Monday, September 1, 2008

Looking for a mantra

What am I looking for?

Too many things.

I want to be the farmer, the lover, the writer, the laborer, the wanderer.

I once read about how being overwhelmed with possibility is just a way to avoid actual action. If you attempt nothing, the possibilities are endless, limitless. By never making a choice, you never fail at any of the things that you imagine you could do. The groundless dream is always intact. Then again, you fail by default, never having achieved.

M.-L. Von Franz calls it an identification with the puer aeternus image in his The Problem of the Puer Aeternus:

"...there is always the fantasy that sometime in the future the real thing will come about. If this attitude is prolonged, it means a constant inner refusal to commit oneself to the moment. With this there is often, to a smaller or greater extent, a saviour complex, or a Messiah complex, with the secret thought that one day one will be able to save the world; the last word in philosophy, or religion, or politics, or art, or something else, will be found. This can go so far as to be a typical pathological megalomania, or there may be minor traces of it in the idea that one's time 'has not yet come.' The one thing dreaded throughout by such a type of man is to be bound to anything whatever. There is a terrific fear of being pinned down, of entering space and time completely, and of being the one human being that one is." (Ego and Archetype, by Edward F. Edinger, page 14)

This puer aeternus idea is the idea that "to be something in reality," a person "must give up everything in potentia." By choosing something to dedicate yourself to, some trait to fully cultivate, you are giving up all those endless possibilities, all those untainted fancies.
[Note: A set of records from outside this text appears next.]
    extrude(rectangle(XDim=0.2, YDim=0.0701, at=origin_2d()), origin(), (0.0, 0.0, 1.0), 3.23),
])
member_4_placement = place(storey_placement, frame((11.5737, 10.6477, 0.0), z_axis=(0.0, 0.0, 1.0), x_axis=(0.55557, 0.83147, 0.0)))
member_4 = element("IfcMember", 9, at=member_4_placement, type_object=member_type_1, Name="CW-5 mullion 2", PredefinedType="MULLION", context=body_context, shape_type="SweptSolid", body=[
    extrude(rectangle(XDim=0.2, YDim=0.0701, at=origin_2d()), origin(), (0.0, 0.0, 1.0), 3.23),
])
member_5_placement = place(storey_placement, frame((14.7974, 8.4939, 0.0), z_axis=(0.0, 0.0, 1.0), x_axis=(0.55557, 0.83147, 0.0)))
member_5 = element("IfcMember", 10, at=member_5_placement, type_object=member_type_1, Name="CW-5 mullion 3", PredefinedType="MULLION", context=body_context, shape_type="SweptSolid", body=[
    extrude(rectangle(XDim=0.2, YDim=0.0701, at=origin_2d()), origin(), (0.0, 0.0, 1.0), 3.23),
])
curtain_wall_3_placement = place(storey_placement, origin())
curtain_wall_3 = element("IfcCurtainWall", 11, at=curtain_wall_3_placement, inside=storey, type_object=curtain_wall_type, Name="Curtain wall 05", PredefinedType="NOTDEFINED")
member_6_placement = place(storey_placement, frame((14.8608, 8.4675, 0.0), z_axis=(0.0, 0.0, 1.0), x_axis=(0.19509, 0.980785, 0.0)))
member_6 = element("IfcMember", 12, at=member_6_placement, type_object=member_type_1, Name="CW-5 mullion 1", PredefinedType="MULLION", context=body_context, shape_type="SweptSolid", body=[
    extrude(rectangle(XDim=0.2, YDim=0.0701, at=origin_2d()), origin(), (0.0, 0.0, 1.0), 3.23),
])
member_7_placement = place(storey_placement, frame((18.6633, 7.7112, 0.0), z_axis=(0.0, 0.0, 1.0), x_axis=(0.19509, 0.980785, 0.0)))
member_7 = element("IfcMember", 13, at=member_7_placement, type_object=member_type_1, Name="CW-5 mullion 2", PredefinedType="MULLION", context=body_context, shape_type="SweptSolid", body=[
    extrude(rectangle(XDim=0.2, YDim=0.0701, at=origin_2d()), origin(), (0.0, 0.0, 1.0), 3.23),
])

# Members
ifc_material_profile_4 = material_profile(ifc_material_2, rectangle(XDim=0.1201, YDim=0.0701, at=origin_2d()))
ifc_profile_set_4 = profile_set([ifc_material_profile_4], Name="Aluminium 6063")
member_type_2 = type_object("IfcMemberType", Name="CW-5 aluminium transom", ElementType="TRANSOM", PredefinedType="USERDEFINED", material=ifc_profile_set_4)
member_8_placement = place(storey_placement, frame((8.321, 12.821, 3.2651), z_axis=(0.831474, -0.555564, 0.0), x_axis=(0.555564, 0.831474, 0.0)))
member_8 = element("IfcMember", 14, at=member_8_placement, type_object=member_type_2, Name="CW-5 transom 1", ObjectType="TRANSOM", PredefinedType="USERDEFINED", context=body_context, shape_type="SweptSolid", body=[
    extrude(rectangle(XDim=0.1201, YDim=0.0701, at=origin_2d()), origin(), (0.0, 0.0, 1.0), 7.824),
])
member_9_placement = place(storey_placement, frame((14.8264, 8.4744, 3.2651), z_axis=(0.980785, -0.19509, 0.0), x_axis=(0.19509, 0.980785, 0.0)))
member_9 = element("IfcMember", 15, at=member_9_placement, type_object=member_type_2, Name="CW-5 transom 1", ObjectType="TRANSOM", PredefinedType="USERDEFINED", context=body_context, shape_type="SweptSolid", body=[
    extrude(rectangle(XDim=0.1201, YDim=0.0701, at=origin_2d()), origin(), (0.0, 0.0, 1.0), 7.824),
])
But never committing also means that you are someone who "never brings any reality to birth."

This is a such human quality, a weird combination of fear of failure and delusions of grandeur. I see it in myself, as I'm sure many others do. But it is deeply frustrating, and it makes me wish for that one simple thing, for painstaking hours of labor to lead to a single accomplishment. That one piece of fruit or that one carved fragment would feel more pure and whole than years and years of dreams and ideals, no matter how pretty.

Does it matter what that one simple thing is? Is it more important to just choose it, and cultivate, and live in patience and silence and hard work? Or should we wait for the right moment, the right cause, the right fit? Maybe there is no way to know the right fit, just the pressure of our own push, the contented weariness of actual work.